There is a particular reason GLOBALS is mapped to esp.  The first slot
of globals is empty.  Thus, to call millicode one can always execute a
CALL instruction, the return address will be pushed into the first
element of GLOBALS.  Millicode must pop the value to adjust GLOBALS
and save the address.

This trick allows CONT to grow and meet the heap pointer without any
buffer between them, and makes millicode calls compact.

This assumes that the operating system's interrupt handlers do not
push values onto the user stack; if they do, we must have plenty of
space available at the beginning of GLOBALS or must not use esp at
all.

;;;
;;; Note that since a CALL is used, there must be room on the processor
;;; stack for one word of return address.  The trick we use is for
;;; ESP to point to GLOBALS, not CONT, so GLOBALS is not right on entry
;;; to stubs here until the return value has been popped.  On the other hand,
;;; we don't have to worry about space between the heap and the stack.

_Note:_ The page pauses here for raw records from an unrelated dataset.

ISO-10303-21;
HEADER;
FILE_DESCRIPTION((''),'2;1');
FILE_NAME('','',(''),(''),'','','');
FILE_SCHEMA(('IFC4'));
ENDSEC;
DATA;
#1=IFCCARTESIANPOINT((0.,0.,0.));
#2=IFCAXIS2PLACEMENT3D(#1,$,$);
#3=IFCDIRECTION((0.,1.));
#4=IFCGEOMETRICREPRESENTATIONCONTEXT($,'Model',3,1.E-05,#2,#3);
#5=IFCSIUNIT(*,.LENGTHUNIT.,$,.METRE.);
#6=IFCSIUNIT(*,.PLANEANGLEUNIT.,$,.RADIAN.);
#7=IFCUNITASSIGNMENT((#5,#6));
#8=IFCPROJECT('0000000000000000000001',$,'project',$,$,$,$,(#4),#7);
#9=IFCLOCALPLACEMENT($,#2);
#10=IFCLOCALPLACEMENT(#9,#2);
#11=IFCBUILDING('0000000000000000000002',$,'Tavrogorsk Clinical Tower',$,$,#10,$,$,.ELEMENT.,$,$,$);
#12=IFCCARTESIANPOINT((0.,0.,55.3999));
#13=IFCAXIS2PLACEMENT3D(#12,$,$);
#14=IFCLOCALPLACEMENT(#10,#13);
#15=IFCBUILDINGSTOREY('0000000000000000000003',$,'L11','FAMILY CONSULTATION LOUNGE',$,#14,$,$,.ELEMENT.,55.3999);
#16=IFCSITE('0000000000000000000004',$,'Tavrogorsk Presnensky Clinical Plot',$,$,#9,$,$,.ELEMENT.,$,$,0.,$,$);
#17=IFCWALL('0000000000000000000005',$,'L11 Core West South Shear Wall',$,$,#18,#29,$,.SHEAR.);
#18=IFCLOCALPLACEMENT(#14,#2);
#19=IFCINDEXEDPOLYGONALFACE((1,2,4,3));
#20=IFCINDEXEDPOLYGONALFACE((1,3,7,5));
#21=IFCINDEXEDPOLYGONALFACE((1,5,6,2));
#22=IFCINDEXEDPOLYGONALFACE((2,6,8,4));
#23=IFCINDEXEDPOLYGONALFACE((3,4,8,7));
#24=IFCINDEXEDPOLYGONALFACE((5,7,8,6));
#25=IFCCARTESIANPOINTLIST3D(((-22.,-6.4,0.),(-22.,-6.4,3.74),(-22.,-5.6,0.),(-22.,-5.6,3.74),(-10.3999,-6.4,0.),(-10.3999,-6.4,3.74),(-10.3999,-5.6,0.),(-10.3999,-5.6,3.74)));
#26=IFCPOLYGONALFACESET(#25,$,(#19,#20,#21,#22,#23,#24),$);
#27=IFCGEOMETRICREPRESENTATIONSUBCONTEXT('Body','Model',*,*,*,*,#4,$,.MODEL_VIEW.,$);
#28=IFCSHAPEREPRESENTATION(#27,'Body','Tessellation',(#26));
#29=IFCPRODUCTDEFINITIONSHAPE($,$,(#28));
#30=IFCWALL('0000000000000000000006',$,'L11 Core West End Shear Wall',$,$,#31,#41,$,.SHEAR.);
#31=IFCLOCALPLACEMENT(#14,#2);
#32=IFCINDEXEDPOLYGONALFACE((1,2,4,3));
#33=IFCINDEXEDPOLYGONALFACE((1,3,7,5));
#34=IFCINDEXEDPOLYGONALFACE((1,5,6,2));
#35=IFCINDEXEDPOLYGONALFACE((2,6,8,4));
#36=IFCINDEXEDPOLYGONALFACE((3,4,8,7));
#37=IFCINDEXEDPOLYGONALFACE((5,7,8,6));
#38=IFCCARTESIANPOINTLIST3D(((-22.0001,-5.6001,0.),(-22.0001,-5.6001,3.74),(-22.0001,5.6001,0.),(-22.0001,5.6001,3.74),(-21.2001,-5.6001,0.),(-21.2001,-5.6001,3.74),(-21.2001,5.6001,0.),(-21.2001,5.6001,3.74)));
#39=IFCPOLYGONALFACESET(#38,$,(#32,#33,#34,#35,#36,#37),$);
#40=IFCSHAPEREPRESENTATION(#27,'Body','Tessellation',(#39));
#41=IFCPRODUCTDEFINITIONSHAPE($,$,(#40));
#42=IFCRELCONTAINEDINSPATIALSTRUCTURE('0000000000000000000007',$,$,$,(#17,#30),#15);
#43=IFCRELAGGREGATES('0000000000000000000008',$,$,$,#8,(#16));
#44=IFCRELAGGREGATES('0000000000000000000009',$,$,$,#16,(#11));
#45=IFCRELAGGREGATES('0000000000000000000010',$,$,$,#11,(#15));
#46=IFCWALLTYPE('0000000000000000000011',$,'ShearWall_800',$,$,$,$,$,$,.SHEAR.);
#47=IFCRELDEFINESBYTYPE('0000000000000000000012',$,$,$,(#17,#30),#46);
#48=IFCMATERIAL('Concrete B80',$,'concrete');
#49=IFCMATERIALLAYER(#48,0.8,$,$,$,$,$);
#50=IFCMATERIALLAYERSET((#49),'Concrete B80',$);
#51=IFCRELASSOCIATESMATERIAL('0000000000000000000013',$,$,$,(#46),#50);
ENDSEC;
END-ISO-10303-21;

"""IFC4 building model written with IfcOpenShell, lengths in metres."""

from ifc_helpers import new_model, si_unit, direction, frame, frame_2d, origin, place, context, subcontext, project, spatial, rectangle, extrude, material, layer, layer_set, type_object, element, save


model = new_model("IFC4")

# Units and contexts
model_context = context("Model", 3, precision=1e-05, world=origin(), true_north=direction((0.0, 1.0)))
body_context = subcontext(model_context, "Body", "Model", "MODEL_VIEW")
ifc_project = project(units=[si_unit("LENGTHUNIT", "METRE"), si_unit("PLANEANGLEUNIT", "RADIAN")], contexts=[model_context])

# Site, building, storey
site_placement = place(None, origin())
site = spatial("IfcSite", under=ifc_project, at=site_placement, Name="Tavrogorsk Presnensky Clinical Plot", CompositionType="ELEMENT", RefElevation=0.0)
building_placement = place(site_placement, origin())
building = spatial("IfcBuilding", under=site, at=building_placement, Name="Tavrogorsk Clinical Tower", CompositionType="ELEMENT")
storey_placement = place(building_placement, frame((0.0, 0.0, 55.3999)))
storey = spatial("IfcBuildingStorey", under=building, at=storey_placement, Name="L11", Description="FAMILY CONSULTATION LOUNGE", CompositionType="ELEMENT", Elevation=55.3999)

# Walls
ifc_material_1 = material(Name="Concrete B80", Category="concrete")
ifc_layer_1 = layer(ifc_material_1, 0.8)
ifc_layer_set_1 = layer_set([ifc_layer_1], Name="Concrete B80")
wall_type_1 = type_object("IfcWallType", Name="ShearWall_800", PredefinedType="SHEAR", material=ifc_layer_set_1)
wall_1_placement = place(storey_placement, frame((-22.0, -6.0, 0.0), z_axis=(0.0, 0.0, 1.0), x_axis=(1.0, 0.0, 0.0)))
element("IfcWall", 1, at=wall_1_placement, inside=storey, type_object=wall_type_1, Name="L11 Core West South Shear Wall", PredefinedType="SHEAR", context=body_context, shape_type="SweptSolid", body=[
    extrude(rectangle(XDim=11.6001, YDim=0.8, at=frame_2d((5.8, 0.0))), origin(), (0.0, 0.0, 1.0), 3.74),
])
wall_2_placement = place(storey_placement, frame((-21.6001, -5.6001, 0.0), z_axis=(0.0, 0.0, 1.0), x_axis=(0.0, 1.0, 0.0)))
element("IfcWall", 2, at=wall_2_placement, inside=storey, type_object=wall_type_1, Name="L11 Core West End Shear Wall", PredefinedType="SHEAR", context=body_context, shape_type="SweptSolid", body=[
    extrude(rectangle(XDim=11.2002, YDim=0.8, at=frame_2d((5.6001, 0.0))), origin(), (0.0, 0.0, 1.0), 3.74),
])

save(model, "model.ifc")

;;; The jump vector contains addresses of millicode procedures; a call
;;; to a millicode procedure is an indirect call:
;;;	CALL [GLOBALS+M_...]


Todo list.

 - globals needs a dummy element at the beginning
 - the .ah files should be generated in the correct format by the
   config scripts, this is a matter of changing syntax only
 - more millicode procs should be implemented (look at globals.ah)
 - need to work out how millicode is going to work -- it's in C
   and probably assumes Petit Larceny calling conventions.  If we
   are to keep it in C then some integration of the Petit Larceny
   engine with the native code must be accomplished!  If not, we
   need to rewrite the millicode to fit native conventions, but
   this seems painful at this time.

If a C function calls a Scheme procedure it meets code that does this:

   save C state
   switch to Scheme mode
   push a continuation on the Scheme stack that switches back 
      to C mode and returns
   continue executing

If a Scheme function calls a C procedure it meets code that does this:

   save Scheme state
   switch to C mode
   push a continuation on the C stack that switches back to
      Scheme mode and returns
   continue executing

Millicode is probably messier still, or should they all be considered
cross-language calls?  Then calling millicode will cost more!
Probably not necessary; when millicode calls Scheme it longjumps out,
throwing away the C continuation; only the Scheme continuation
remains, and it is properly constructed.  (It is a C frame that will
return to Scheme, ... maybe??  What if it was Scheme code compiled to
C that performed the original call?)

;; The code with globals assigned to esp and cont to ebp is
;; slightly slower on fib(35) than with the assignments reversed.
;; No doubt this is CPU specific.

;; Also it seems that the CPU prefers to work with data in eax and
;; ebx: introducing some peephole optimization so that it worked on
;; data in ecx slowed evenodd down quite a bit.  Peephole
;; optimizations that have not paid off are REG_OP2IMM_zerop and
;; REG_OP2IMM_SETREG_subtract, both programs were slower than the
;; equivalent sequence of more primitive ops.